Cost control of your IT

When a new purchase invoice arrives, e.g. charging you for the software maintenance of your e-mail server, you can now assign this invoice to the “IT-SF-01 E-mail server” service. If the hardware in use is replaced, you can also specify the service number on the invoice. Assign invoices to the Maintenance, Software, Hardware, or Services category. This way, you will be able to perform accurate cost control in a later evaluation and balance the actual costs with the planned budget.

The service portfolio: an IT service offer for your users

In the next step, you will build the service portfolio. This is the aggregate description of the IT services available to your customers and users. Just as every company has a product portfolio to advertise their products and services, an IT department maintains a service portfolio describing the services they offer.

The business services must not be described in a technical manner, but focus on the customer value. It is important to explain the benefit users can realize from this service and the purposes for which the IT department offers each service. In this way, you can create a link to the corresponding business processes. By establishing so-called business cases, you describe the purpose of the services to your users. It probably does not matter to them which product you actually use to connect them from a hotel Wifi or their home office with the corporate network. VPN connections via SSL or IPsec – users will hardly care about that. It is important that the service is user-friendly and works flawlessly.

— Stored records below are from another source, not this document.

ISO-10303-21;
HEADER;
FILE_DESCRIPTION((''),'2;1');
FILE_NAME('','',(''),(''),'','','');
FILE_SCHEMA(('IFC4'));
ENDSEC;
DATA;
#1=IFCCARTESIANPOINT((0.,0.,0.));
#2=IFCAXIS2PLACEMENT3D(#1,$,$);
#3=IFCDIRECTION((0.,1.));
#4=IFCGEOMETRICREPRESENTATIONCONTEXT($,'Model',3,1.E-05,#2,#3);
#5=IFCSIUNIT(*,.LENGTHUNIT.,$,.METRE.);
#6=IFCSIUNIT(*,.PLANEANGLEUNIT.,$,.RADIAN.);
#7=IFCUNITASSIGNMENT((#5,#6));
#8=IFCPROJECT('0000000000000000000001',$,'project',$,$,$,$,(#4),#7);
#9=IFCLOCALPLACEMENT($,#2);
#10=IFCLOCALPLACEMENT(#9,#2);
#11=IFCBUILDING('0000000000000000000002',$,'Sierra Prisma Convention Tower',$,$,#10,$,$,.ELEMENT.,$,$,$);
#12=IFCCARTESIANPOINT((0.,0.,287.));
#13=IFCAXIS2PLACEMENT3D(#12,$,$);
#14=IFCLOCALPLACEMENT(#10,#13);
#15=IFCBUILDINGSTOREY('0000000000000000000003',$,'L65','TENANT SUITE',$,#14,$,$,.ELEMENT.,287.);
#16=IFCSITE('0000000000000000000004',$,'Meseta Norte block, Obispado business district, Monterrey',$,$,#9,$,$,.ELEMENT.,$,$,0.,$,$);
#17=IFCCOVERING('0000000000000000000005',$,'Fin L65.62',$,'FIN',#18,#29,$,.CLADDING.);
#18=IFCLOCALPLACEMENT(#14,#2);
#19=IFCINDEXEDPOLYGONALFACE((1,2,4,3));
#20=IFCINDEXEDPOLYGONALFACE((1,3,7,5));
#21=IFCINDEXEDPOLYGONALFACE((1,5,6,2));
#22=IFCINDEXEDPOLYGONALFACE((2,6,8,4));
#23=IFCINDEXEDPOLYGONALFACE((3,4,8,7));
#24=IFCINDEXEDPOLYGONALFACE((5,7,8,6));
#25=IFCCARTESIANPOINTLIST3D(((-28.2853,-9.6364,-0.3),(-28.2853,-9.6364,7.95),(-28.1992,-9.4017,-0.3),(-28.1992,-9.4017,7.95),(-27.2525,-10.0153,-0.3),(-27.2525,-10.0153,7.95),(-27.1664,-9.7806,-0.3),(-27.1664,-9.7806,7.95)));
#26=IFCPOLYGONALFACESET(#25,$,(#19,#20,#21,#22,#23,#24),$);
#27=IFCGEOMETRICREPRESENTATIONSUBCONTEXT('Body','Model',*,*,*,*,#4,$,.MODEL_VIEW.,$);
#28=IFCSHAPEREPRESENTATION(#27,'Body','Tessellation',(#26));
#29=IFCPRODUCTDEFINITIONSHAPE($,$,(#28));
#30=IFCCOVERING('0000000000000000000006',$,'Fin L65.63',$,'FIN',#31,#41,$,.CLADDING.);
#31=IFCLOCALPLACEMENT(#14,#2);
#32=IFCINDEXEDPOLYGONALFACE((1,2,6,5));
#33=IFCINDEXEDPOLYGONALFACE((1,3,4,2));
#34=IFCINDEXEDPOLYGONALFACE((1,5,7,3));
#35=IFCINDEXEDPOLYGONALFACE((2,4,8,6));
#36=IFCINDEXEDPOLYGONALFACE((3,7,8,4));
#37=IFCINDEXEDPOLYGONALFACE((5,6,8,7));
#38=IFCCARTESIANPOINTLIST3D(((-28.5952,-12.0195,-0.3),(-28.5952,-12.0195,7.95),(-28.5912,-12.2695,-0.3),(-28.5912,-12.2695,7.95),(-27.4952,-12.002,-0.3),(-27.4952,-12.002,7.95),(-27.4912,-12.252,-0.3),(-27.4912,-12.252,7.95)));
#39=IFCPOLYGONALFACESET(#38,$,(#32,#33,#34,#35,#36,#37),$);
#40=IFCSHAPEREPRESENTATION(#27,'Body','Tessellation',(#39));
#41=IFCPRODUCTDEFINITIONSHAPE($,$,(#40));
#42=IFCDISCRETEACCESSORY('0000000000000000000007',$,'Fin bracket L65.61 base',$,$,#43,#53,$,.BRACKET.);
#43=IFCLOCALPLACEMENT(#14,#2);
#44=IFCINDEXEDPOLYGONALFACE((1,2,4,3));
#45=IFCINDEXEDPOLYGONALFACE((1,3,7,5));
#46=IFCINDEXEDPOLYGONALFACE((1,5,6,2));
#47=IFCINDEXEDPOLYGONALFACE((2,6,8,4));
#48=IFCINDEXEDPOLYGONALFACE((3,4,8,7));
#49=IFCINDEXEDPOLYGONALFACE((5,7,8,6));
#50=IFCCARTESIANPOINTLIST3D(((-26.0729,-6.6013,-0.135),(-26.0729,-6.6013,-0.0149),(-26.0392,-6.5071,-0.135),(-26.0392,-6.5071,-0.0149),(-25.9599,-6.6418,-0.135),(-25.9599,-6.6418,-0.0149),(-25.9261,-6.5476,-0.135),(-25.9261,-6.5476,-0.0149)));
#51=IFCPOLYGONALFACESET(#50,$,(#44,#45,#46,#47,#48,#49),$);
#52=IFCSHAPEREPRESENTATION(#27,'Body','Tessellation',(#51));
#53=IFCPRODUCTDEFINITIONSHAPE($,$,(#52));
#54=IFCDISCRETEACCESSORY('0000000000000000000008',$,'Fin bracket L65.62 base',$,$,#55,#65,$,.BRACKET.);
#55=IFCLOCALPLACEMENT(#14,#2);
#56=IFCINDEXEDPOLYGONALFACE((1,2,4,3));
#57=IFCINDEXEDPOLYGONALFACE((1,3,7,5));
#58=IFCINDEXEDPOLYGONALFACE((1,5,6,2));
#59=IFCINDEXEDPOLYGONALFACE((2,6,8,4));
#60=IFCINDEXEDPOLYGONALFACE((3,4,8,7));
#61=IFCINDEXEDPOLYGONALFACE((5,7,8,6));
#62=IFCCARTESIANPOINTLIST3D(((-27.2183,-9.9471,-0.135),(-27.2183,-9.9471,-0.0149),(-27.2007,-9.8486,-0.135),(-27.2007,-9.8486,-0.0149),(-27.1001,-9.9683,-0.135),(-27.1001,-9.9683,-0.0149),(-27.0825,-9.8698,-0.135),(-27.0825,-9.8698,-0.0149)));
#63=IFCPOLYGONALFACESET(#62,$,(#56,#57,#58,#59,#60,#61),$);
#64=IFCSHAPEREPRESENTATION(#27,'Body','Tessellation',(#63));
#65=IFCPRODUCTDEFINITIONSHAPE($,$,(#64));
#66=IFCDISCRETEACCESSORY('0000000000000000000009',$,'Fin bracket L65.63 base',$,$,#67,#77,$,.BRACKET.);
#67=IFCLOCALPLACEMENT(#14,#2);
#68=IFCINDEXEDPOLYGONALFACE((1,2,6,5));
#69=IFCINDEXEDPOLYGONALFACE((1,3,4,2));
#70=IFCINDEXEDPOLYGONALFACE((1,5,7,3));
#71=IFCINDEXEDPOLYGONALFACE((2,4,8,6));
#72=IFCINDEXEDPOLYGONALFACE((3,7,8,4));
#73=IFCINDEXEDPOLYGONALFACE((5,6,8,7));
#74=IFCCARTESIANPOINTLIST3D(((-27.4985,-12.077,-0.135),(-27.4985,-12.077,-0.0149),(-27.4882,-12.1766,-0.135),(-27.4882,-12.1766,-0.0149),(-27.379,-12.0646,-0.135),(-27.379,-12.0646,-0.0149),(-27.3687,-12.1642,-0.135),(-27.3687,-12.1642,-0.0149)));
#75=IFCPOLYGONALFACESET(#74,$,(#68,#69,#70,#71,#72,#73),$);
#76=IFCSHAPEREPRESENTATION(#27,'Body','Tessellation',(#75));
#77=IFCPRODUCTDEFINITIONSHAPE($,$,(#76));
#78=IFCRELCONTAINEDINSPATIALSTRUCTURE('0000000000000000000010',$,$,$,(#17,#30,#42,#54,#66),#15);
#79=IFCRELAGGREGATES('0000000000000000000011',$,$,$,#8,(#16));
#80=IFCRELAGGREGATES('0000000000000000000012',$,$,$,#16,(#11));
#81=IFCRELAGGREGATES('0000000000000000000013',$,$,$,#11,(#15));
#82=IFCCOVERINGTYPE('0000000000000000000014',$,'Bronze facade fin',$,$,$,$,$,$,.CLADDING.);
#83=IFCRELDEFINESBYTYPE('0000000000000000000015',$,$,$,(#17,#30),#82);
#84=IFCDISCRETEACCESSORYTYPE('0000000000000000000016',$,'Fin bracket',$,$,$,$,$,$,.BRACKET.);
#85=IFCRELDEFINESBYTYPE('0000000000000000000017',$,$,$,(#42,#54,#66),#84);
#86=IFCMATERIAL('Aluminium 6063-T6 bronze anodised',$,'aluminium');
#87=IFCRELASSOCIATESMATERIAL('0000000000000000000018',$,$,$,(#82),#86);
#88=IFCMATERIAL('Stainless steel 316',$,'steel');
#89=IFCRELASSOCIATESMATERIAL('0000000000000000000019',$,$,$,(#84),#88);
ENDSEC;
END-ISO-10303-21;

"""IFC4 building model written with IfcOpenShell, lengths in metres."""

from ifc_helpers import new_model, si_unit, direction, frame, origin, origin_2d, place, context, subcontext, project, spatial, rectangle, extrude, material, material_profile, profile_set, type_object, element, save


model = new_model("IFC4")

# Units and contexts
model_context = context("Model", 3, precision=1e-05, world=origin(), true_north=direction((0.0, 1.0)))
body_context = subcontext(model_context, "Body", "Model", "MODEL_VIEW")
ifc_project = project(units=[si_unit("LENGTHUNIT", "METRE"), si_unit("PLANEANGLEUNIT", "RADIAN")], contexts=[model_context])

# Site, building, storey
site_placement = place(None, origin())
site = spatial("IfcSite", under=ifc_project, at=site_placement, Name="Meseta Norte block, Obispado business district, Monterrey", CompositionType="ELEMENT", RefElevation=0.0)
building_placement = place(site_placement, origin())
building = spatial("IfcBuilding", under=site, at=building_placement, Name="Sierra Prisma Convention Tower", CompositionType="ELEMENT")
storey_placement = place(building_placement, frame((0.0, 0.0, 287.0)))
storey = spatial("IfcBuildingStorey", under=building, at=storey_placement, Name="L65", Description="TENANT SUITE", CompositionType="ELEMENT", Elevation=287.0)

# Coverings
ifc_material_1 = material(Name="Aluminium 6063-T6 bronze anodised", Category="aluminium")
ifc_material_profile_1 = material_profile(ifc_material_1, rectangle(XDim=1.1001, YDim=0.25, at=origin_2d()), Name="ALU FIN 1100x250")
ifc_profile_set_1 = profile_set([ifc_material_profile_1], Name="Aluminium 6063-T6 bronze anodised")
covering_type = type_object("IfcCoveringType", Name="Bronze facade fin", PredefinedType="CLADDING", material=ifc_profile_set_1)
for number, where, z_axis, x_axis, name in (
    (1, (-27.7258, -9.7085, -0.3), (0.0, 0.0, 1.0), (-0.93881, 0.344435, 0.0), "Fin L65.62"),
    (2, (-28.0432, -12.1357, -0.3), (0.0, 0.0, 1.0), (-0.999873, -0.01591, 0.0), "Fin L65.63"),
):
    element("IfcCovering", number, at=place(storey_placement, frame(where, z_axis=z_axis, x_axis=x_axis)), inside=storey, type_object=covering_type, Name=name, ObjectType="FIN", PredefinedType="CLADDING", context=body_context, shape_type="SweptSolid", body=[
        extrude(rectangle(XDim=1.1001, YDim=0.25, at=origin_2d()), origin(), (0.0, 0.0, 1.0), 8.25),
    ])

# Discrete accessories
ifc_material_2 = material(Name="Stainless steel 316", Category="steel")
discrete_accessory_type = type_object("IfcDiscreteAccessoryType", Name="Fin bracket", PredefinedType="BRACKET", material=ifc_material_2)
for number, where, z_axis, x_axis, name in (
    (3, (-25.9995, -6.5745, -0.135), (0.0, 0.0, 1.0), (-0.941359, 0.337406, 0.0), "Fin bracket L65.61 base"),
    (4, (-27.1504, -9.9084, -0.135), (0.0, 0.0, 1.0), (-0.984358, 0.176179, 0.0), "Fin bracket L65.62 base"),
    (5, (-27.4336, -12.1206, -0.135), (0.0, 0.0, 1.0), (-0.994682, -0.102994, 0.0), "Fin bracket L65.63 base"),
):
    element("IfcDiscreteAccessory", number, at=place(storey_placement, frame(where, z_axis=z_axis, x_axis=x_axis)), inside=storey, type_object=discrete_accessory_type, Name=name, PredefinedType="BRACKET", context=body_context, shape_type="SweptSolid", body=[
        extrude(rectangle(XDim=0.1201, YDim=0.1001, at=origin_2d()), origin(), (0.0, 0.0, 1.0), 0.1201),
    ])

save(model, "model.ifc")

To the IT department, such technical details are of course important, but the user only wants to use the service. This is why you should create a service catalogue for the IT department and a service portfolio for customers and users. The service catalogue describes the VPN solution that is employed, the type of encryption, the software maintenance agreement, the pre-shared keys or the certificates being used. These details are not of interest to the customers and, by the way, none of their business. Most of them would not understand them anyway. The customer just wants to connect from the hotel to the company network, so the IT team offers this service. It is up to the IT department to select the products used for this purpose, while it is up to the user to decide whether using the product makes sense or using it is too complicated. If users thinks it is too complicated, the IT department should look for another solution.

The customer decides if a product is good or not!

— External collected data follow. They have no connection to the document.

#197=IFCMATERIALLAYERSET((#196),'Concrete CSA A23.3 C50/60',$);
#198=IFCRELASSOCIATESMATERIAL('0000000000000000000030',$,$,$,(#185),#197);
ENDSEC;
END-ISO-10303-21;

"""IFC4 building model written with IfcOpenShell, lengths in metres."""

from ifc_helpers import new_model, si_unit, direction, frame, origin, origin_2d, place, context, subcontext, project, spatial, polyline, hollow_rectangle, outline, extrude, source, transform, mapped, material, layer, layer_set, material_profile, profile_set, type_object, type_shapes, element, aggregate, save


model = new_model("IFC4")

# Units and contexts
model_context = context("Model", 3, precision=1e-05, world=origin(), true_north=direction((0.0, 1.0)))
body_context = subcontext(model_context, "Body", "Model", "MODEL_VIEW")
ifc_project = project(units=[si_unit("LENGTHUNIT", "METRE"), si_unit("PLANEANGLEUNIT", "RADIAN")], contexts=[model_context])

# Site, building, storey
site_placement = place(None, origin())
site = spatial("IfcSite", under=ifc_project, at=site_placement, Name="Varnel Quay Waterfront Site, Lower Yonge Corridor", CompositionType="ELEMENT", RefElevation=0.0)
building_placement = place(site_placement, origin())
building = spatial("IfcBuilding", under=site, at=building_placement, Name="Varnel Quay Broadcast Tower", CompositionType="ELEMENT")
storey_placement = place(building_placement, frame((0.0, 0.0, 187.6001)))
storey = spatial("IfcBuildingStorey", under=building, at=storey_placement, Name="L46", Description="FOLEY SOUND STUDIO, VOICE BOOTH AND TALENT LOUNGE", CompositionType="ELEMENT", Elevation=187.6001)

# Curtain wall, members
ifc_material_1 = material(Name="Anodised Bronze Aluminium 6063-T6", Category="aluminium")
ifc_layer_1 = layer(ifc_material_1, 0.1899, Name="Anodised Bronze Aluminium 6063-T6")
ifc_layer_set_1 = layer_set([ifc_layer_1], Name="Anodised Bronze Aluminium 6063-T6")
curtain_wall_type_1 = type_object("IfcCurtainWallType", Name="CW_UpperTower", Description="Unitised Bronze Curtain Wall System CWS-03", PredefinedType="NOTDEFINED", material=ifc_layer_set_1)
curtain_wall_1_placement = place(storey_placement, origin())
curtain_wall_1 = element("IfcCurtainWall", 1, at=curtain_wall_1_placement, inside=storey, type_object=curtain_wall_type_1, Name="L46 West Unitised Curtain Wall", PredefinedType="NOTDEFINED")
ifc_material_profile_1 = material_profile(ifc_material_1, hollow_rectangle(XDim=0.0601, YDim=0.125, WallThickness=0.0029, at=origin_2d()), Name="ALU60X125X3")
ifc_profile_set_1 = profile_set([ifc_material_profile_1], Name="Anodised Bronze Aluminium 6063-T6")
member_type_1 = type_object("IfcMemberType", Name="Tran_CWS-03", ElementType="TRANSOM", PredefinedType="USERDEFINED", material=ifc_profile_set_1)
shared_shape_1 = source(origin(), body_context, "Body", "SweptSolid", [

Here as well, the above-mentioned catalogues will help you on, as they allow better control of the measures for improvement. If everything is well documented, it is easier for you to advance or replace a certain solution. The only disadvantage of a service catalogue is actually that you should make sure to adhere to the specifications defined in it. These arrangements are mandatory once you have introduced them and must be understood and observed by all employees.

When you create and maintain a service catalogue, the Docusnap documentation tool will assist you with its System Groups feature. In the software, you can create documentation by using an integrated text editor which lets you access inventory data and IT relations directly and add them to the manual.